December 25, 2004

ID Cards: How Fair Is That?

Welcome readers of The England Project. You're here because we've just signed on to the 1952 Committee. For those who don't know about this, you can find out about them here. Please do so, because the issue of compulsory ID cards is an important one, at least for Brits concerned about their civil liberties. (And when someone who regards any position to the left of Donald Rumsfeld's as suspiciously liberal uses a phrase like 'civil liberties', you've got to know England's in trouble.)

The dying days of this Parliament are being used to hack away at all sorts of basic freedoms. We've already lost the right to life, and in the coming weeks, Britain will take another huge leap toward the Labour's goal of a bigger state filled with smaller people when the vile Incitement to Religious Hatred Bill becomes law. For that, we have a petition -- Go here and sign it, if you please. We've also got an article on this subject out on Faith and Freedom. Go here for that.

But with so many annoyances heading our way, it seems we're in danger of digressing. So. Let's talk ID cards.

The arguments for these things (or, at least, the arguments Labour are using to batter away at opposition to them) are that ID cards will be used to track crooks and terrorists. This 'tough on crime' stuff is causing problems for what's left of the Conservative Party (think 'Republican Party, but neutered'), who daren't point out the obvious flaws with the policy for fear of seeming soft on crime and terrorism. Being soft on the erosion of basic freedoms doesn't appear to be something the Conservatives worry about these days. It also hasn't helped that Tory leader Michael Howard wanted to introduce voluntary ID cards himself when he was Home Secretary back in the 90's.

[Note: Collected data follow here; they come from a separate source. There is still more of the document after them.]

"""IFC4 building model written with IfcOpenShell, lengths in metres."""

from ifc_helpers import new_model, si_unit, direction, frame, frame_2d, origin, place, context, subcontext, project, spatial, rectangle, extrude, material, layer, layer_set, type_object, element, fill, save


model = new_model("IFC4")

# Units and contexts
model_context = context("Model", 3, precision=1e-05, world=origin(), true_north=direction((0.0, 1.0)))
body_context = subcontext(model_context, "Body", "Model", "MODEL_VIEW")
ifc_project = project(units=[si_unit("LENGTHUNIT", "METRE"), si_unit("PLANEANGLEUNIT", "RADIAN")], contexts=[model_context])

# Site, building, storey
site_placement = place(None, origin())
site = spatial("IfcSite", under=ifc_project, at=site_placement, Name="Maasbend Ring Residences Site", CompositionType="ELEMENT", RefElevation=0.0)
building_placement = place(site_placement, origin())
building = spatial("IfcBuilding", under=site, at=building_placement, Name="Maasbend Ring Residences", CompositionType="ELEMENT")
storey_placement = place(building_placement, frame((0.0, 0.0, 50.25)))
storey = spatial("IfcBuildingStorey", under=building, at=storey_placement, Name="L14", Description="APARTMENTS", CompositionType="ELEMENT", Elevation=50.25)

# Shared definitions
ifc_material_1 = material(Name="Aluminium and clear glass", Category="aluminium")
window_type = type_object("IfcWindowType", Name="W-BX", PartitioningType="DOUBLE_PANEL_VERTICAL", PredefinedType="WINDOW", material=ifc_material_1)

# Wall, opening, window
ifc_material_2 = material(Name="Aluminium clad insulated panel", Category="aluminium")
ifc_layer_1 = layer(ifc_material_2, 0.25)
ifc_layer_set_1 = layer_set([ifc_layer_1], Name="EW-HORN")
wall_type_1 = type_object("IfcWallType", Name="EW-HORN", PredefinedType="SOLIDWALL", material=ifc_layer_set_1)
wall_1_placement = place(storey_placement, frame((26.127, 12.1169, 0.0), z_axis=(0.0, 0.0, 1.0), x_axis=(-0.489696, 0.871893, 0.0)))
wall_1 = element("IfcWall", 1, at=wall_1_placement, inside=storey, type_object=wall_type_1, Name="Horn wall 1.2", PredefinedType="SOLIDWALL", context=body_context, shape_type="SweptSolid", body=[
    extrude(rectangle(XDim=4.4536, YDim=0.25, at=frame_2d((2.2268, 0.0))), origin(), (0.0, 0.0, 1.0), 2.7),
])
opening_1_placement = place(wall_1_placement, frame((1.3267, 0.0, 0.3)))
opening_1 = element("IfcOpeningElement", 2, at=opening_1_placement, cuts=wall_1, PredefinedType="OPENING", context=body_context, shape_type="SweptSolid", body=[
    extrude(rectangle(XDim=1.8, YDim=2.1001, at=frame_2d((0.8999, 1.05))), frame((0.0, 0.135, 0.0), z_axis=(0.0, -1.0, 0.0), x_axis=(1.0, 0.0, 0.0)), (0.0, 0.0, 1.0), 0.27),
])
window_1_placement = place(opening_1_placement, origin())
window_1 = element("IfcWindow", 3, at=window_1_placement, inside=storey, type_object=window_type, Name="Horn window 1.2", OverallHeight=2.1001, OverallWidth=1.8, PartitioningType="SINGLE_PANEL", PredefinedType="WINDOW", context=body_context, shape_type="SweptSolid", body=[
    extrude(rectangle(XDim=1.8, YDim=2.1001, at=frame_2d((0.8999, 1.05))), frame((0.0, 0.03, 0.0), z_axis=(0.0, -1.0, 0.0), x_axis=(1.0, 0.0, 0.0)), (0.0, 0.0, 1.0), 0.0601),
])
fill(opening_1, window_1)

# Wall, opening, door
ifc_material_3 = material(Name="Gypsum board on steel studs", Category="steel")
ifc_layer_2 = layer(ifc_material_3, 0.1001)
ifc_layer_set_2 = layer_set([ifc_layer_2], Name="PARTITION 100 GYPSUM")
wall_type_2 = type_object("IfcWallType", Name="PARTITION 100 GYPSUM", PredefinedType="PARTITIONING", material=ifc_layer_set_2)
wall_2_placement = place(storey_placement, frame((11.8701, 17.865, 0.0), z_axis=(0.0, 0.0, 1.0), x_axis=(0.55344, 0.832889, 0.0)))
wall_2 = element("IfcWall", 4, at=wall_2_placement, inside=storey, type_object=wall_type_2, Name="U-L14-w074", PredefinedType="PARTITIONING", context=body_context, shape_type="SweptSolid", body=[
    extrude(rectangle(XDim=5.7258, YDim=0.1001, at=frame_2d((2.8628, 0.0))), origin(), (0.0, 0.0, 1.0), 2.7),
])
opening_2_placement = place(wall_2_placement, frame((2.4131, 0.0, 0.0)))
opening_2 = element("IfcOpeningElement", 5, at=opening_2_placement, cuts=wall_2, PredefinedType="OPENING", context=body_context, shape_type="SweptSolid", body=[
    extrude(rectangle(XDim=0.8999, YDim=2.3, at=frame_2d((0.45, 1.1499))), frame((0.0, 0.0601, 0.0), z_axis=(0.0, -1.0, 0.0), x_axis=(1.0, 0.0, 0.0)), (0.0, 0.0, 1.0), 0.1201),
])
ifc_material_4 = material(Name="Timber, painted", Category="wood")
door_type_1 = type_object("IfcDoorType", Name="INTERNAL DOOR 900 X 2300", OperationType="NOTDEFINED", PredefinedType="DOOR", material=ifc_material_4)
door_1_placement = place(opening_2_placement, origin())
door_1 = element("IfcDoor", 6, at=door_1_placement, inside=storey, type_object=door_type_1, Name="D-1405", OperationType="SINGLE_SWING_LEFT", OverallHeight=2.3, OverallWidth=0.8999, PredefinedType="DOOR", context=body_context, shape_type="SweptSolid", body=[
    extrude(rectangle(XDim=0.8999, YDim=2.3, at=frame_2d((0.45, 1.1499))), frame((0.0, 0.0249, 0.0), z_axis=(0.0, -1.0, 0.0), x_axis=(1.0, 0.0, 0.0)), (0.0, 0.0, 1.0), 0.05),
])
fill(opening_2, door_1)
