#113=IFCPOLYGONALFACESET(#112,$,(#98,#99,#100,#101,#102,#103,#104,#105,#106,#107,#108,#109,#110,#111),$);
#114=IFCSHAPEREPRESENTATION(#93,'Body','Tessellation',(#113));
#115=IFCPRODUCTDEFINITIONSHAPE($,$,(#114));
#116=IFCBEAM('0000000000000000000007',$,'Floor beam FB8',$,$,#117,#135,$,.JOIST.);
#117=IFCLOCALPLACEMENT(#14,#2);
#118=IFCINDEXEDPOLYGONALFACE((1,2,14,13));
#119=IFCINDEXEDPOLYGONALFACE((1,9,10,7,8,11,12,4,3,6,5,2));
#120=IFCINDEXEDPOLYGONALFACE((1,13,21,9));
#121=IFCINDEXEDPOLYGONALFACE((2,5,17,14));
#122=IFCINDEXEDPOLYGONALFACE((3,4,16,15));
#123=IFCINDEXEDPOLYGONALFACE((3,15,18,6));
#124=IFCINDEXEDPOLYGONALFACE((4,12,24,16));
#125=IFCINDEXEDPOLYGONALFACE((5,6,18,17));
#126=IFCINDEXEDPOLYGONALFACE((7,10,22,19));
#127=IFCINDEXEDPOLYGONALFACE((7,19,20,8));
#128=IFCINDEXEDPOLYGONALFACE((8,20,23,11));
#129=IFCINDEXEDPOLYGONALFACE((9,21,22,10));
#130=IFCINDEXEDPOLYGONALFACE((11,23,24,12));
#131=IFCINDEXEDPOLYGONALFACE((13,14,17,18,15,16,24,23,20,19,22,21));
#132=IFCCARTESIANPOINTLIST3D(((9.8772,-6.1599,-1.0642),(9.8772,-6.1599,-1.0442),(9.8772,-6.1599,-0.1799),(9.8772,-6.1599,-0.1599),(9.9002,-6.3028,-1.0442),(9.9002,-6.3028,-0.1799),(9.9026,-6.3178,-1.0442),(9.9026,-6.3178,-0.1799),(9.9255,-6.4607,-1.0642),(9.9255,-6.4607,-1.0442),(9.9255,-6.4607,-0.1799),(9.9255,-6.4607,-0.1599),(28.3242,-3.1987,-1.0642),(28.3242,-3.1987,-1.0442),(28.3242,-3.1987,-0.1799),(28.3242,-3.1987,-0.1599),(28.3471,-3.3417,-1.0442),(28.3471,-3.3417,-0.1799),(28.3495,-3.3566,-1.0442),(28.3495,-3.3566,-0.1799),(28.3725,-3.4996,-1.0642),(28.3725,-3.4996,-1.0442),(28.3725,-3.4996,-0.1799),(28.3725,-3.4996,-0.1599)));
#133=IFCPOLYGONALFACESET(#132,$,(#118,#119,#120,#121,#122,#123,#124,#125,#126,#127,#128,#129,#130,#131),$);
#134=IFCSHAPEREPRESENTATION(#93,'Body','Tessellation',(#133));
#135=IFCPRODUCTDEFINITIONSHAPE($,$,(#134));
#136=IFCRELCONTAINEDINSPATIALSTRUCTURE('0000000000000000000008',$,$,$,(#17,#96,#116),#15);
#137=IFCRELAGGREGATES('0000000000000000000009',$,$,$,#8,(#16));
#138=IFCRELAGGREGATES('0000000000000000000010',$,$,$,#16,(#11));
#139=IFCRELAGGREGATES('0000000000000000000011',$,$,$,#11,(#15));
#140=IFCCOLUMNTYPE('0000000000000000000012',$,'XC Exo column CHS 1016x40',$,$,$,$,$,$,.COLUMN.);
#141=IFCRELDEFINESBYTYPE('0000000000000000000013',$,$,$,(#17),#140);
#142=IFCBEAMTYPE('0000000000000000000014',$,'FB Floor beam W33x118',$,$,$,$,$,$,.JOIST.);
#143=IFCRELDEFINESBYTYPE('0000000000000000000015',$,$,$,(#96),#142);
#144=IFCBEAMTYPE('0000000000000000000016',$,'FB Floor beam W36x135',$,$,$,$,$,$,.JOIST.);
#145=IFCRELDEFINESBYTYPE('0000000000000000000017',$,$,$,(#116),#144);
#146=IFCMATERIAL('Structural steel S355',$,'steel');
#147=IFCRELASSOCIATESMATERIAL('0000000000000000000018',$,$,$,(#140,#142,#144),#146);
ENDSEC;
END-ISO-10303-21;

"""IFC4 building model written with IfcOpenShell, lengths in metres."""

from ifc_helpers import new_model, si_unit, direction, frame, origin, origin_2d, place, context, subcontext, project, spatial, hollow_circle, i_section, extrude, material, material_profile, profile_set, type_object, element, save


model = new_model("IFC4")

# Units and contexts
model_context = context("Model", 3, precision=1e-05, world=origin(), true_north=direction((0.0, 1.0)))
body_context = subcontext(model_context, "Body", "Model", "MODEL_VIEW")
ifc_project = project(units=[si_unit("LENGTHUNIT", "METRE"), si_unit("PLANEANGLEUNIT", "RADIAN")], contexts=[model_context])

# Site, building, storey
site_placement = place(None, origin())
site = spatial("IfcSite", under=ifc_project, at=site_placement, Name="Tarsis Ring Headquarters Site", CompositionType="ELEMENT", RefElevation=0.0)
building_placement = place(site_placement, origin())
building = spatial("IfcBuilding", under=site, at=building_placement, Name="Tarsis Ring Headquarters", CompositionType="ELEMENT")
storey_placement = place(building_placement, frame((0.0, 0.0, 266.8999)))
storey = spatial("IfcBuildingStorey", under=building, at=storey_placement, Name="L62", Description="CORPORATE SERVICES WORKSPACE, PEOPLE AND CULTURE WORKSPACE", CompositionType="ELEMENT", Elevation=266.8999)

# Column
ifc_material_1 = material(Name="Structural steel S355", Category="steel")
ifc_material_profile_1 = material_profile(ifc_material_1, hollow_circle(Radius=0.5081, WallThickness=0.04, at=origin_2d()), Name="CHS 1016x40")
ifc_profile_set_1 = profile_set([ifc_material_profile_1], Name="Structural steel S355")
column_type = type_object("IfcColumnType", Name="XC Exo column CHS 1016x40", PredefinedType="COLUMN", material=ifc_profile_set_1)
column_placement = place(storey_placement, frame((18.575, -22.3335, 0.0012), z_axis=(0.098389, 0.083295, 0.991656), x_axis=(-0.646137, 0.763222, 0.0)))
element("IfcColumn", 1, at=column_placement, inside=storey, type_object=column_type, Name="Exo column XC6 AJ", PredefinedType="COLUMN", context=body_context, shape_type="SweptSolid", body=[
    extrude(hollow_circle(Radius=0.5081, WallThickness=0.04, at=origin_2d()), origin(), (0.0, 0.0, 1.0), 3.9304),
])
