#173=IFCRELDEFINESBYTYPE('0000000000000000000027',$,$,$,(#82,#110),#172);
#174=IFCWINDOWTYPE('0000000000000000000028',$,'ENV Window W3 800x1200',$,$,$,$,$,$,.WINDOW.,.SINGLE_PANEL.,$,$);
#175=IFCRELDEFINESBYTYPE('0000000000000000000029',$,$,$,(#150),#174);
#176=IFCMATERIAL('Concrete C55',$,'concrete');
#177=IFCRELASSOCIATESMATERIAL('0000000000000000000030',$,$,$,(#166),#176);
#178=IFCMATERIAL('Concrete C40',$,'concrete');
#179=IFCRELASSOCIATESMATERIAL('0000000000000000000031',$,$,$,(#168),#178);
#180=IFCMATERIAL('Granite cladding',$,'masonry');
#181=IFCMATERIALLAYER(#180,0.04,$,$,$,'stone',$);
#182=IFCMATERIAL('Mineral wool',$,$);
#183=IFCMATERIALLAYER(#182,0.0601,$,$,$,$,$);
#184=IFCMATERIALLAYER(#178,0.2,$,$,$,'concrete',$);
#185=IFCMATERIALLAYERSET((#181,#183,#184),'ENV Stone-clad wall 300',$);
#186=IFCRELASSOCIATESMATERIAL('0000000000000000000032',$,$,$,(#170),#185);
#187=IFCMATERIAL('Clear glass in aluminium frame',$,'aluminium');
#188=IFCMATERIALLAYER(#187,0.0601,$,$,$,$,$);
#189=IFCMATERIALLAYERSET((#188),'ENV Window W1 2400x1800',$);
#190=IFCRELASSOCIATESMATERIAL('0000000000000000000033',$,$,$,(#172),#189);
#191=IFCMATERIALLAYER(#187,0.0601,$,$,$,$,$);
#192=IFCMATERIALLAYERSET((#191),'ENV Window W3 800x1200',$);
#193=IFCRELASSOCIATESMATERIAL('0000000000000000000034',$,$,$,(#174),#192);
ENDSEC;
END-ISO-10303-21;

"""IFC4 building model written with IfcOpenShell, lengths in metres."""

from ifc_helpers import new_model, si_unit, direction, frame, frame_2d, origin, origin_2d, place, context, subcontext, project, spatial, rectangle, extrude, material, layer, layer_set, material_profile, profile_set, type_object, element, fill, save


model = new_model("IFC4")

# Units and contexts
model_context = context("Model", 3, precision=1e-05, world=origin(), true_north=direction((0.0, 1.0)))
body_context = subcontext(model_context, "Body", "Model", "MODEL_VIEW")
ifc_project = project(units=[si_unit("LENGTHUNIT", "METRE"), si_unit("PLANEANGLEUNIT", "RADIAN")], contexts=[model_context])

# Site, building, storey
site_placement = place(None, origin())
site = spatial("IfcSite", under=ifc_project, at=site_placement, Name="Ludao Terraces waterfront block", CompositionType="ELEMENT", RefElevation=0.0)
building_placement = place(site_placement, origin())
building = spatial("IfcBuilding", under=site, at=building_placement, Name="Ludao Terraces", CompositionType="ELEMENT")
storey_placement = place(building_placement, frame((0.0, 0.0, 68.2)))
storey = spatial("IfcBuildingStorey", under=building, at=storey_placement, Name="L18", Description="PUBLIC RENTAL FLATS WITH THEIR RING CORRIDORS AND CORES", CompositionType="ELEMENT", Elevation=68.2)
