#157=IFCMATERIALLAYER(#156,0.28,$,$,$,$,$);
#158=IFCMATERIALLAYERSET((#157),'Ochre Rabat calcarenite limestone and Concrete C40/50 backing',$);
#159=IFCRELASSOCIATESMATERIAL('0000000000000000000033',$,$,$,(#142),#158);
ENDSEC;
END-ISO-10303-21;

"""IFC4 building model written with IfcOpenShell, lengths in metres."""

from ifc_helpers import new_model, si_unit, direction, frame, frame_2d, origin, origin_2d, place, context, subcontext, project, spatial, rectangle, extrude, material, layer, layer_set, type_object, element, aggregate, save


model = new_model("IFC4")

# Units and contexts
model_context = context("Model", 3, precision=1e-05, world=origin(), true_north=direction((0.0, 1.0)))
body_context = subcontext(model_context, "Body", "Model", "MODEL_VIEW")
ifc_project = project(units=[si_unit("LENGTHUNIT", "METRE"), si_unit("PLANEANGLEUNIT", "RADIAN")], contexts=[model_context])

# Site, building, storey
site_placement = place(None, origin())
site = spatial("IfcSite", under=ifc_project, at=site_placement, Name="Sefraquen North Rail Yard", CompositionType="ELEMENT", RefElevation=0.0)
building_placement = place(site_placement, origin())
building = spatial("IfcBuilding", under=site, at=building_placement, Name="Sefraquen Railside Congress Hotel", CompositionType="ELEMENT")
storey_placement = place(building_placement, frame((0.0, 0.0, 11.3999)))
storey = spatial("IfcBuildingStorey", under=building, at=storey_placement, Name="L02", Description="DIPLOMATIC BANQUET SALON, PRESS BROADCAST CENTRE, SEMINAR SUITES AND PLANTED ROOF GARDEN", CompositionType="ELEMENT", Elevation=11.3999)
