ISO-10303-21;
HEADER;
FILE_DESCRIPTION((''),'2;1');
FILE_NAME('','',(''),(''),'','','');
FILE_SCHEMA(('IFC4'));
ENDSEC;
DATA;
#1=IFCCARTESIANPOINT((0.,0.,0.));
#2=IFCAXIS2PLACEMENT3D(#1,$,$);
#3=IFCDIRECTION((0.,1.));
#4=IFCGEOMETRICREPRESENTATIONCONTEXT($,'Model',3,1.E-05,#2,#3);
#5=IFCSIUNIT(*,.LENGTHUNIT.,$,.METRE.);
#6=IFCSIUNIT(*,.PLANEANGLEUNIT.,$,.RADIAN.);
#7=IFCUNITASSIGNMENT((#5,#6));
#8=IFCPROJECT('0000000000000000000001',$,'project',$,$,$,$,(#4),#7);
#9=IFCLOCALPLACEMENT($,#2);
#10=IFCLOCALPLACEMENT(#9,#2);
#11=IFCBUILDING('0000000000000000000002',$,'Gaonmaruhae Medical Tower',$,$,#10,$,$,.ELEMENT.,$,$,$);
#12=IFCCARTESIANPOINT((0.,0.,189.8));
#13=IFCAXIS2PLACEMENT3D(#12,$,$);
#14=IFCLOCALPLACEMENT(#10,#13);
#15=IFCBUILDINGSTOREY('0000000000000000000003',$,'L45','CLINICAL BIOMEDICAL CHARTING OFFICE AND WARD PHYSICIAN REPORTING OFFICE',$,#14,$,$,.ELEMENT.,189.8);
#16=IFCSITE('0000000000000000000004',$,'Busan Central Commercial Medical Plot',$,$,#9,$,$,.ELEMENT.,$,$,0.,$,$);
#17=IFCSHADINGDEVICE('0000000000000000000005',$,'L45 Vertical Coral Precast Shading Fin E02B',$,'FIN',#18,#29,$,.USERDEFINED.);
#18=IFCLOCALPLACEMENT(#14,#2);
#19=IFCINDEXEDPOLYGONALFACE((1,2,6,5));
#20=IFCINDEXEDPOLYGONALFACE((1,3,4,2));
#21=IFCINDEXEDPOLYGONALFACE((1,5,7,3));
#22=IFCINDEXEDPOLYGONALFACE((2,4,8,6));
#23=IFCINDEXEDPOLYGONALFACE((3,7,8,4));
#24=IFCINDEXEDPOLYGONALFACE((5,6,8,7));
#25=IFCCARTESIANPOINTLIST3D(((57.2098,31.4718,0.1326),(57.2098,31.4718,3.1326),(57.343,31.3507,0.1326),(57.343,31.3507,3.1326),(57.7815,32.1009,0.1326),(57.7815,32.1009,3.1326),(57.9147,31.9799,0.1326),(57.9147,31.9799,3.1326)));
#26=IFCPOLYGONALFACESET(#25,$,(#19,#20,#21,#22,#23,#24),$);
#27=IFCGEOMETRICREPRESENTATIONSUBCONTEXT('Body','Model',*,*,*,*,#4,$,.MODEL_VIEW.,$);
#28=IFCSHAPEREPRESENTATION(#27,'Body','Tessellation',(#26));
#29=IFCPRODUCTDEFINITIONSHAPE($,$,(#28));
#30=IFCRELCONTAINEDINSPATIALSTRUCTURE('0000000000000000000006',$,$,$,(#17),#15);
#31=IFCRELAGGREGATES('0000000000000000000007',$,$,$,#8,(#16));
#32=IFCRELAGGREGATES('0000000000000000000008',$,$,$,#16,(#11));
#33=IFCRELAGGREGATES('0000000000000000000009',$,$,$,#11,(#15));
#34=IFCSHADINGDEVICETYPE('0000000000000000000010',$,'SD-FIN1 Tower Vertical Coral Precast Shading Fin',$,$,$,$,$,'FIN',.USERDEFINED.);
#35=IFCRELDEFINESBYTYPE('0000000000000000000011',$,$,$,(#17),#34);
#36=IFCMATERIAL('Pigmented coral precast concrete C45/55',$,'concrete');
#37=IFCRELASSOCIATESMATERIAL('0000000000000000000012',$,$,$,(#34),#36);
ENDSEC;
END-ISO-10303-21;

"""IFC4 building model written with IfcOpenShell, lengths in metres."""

from ifc_helpers import new_model, si_unit, direction, frame, origin, origin_2d, place, context, subcontext, project, spatial, rectangle, extrude, material, type_object, element, save


model = new_model("IFC4")

# Units and contexts
model_context = context("Model", 3, precision=1e-05, world=origin(), true_north=direction((0.0, 1.0)))
body_context = subcontext(model_context, "Body", "Model", "MODEL_VIEW")
ifc_project = project(units=[si_unit("LENGTHUNIT", "METRE"), si_unit("PLANEANGLEUNIT", "RADIAN")], contexts=[model_context])

# Site, building, storey
site_placement = place(None, origin())
site = spatial("IfcSite", under=ifc_project, at=site_placement, Name="Busan Central Commercial Medical Plot", CompositionType="ELEMENT", RefElevation=0.0)
building_placement = place(site_placement, origin())
building = spatial("IfcBuilding", under=site, at=building_placement, Name="Gaonmaruhae Medical Tower", CompositionType="ELEMENT")
storey_placement = place(building_placement, frame((0.0, 0.0, 189.8)))
storey = spatial("IfcBuildingStorey", under=building, at=storey_placement, Name="L45", Description="CLINICAL BIOMEDICAL CHARTING OFFICE AND WARD PHYSICIAN REPORTING OFFICE", CompositionType="ELEMENT", Elevation=189.8)

# Shading device
ifc_material_1 = material(Name="Pigmented coral precast concrete C45/55", Category="concrete")
shading_device_type = type_object("IfcShadingDeviceType", Name="SD-FIN1 Tower Vertical Coral Precast Shading Fin", ElementType="FIN", PredefinedType="USERDEFINED", material=ifc_material_1)
for number, where, z_axis, x_axis, name in (
    (1, (57.5623, 31.7258, 0.1326), (0.0, 0.0, 1.0), (0.740101, -0.672496, 0.0), "L45 Vertical Coral Precast Shading Fin E02B"),
):
    element("IfcShadingDevice", number, at=place(storey_placement, frame(where, z_axis=z_axis, x_axis=x_axis)), inside=storey, type_object=shading_device_type, Name=name, ObjectType="FIN", PredefinedType="USERDEFINED", context=body_context, shape_type="SweptSolid", body=[
        extrude(rectangle(XDim=0.1799, YDim=0.8501, at=origin_2d()), origin(), (0.0, 0.0, 1.0), 3.0),
    ])

save(model, "model.ifc")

Still, we do battle with the government we have and not the government we might want, so let's push on and have a look at why Labour are so keen on sticking us all with biometric ID's. Do they have some kind of secret plan to trap us all in an Orwellian nightmare? Do ministers lie awake at night fretting they don't have the power to monitor our movements every time we walk around the corner to buy a pack of cigarettes? Well, no, not really, though they do keep telling us they'd rather we purchased bioactive yogurt drinks instead.

You see, this being Britain, we don't live so much in fear of being crushed to death by the jackboots of the thought-police as persuaded, one piece of restrictive legislation at a time, that maybe our lives were not really worth living in the first place.

ID cards are a case in point. Somewhere, at the bottom of this issue, is a sensible policy. This is as follows:

In Britain today, there are more than 60 million people. Some of them are felons and some are would-be terrorists. In an ideal world, we'd be able to identify and monitor the activities of these two groups without causing annoyance to the general population. If you’re a troublesome, hook-handed foreign national, you should get to carry a nifty biometric ID card. That's because you don't belong here. If you belonged, you'd be a British citizen. Which you're not. If you’re a convicted crook, you get the same treatment. That’ll teach you to get on the wrong side of the law.

On the other hand, if you belong to neither of these groups, then fine, you can go merrily on your way -- You haven’t caused any trouble, so the state won’t trouble you.

Such an approach would seem to be both sensible and, importantly, fair. It also has much to recommend it. The state could create something like the sex-offenders register, and use it to track the sort of people we really don't want to have on the loose, but seem to be stuck with all the same.

In time, we might even be able to do away with the cards altogether and simply implant repeat offenders and dubious foreigners with biometric tags. That way, when two or more little red dots of Islamist rage met up on an MI5 radar screen, someone in body armor could be dispatched to seek an explanation. Or a head.

The problem with this, of course, is that the troublesome groups we need to keep a closer watch on are also beloved by the sort of people who give Blair his parliamentary majority. Suggest to the average Labour backbencher that we deprive a repeat offender, or worse, an Islamist nut, of his right to slip into dangerous anonymity and they'll be caterwauling about abused human rights faster than you can say Noam Chomsky.

But here's the catch, and it's a biggie: Do it to everyone, regardless of wrongdoing, and the left will smile contentedly and pass the legislation without a murmur.

What this comes down to is a difference of opinion between leftists and conservatives over the meaning of 'fair'.

To conservatives, one demonstrates fairness by ensuring that crime and terrorism incur the censor of the state -- You do something wrong and you're the one who suffers for it. To the left, however, it means that if one person steps out of line, the whole of society does the suffering.

In Britain, we have a long and proud tradition of doing things this way. Our health service has become the envy of no one by forcing the lowest possible standards of care onto the entire population. Successful schools are to be given their unfair share of disruptive yobs on the off-chance the little scrotes might benefit from higher educational standards, even as they are more likely to drag them down. Burglars are afforded the same right to self-protection as the people whose homes they invade.

ID cards are just another step down this road. That some people should be scrutinized because of their actions is a fact, plain and simple, but filtered through the twisted logic of leftists, this principle is being transformed into a scheme that removes liberty from everyone. It's only fair.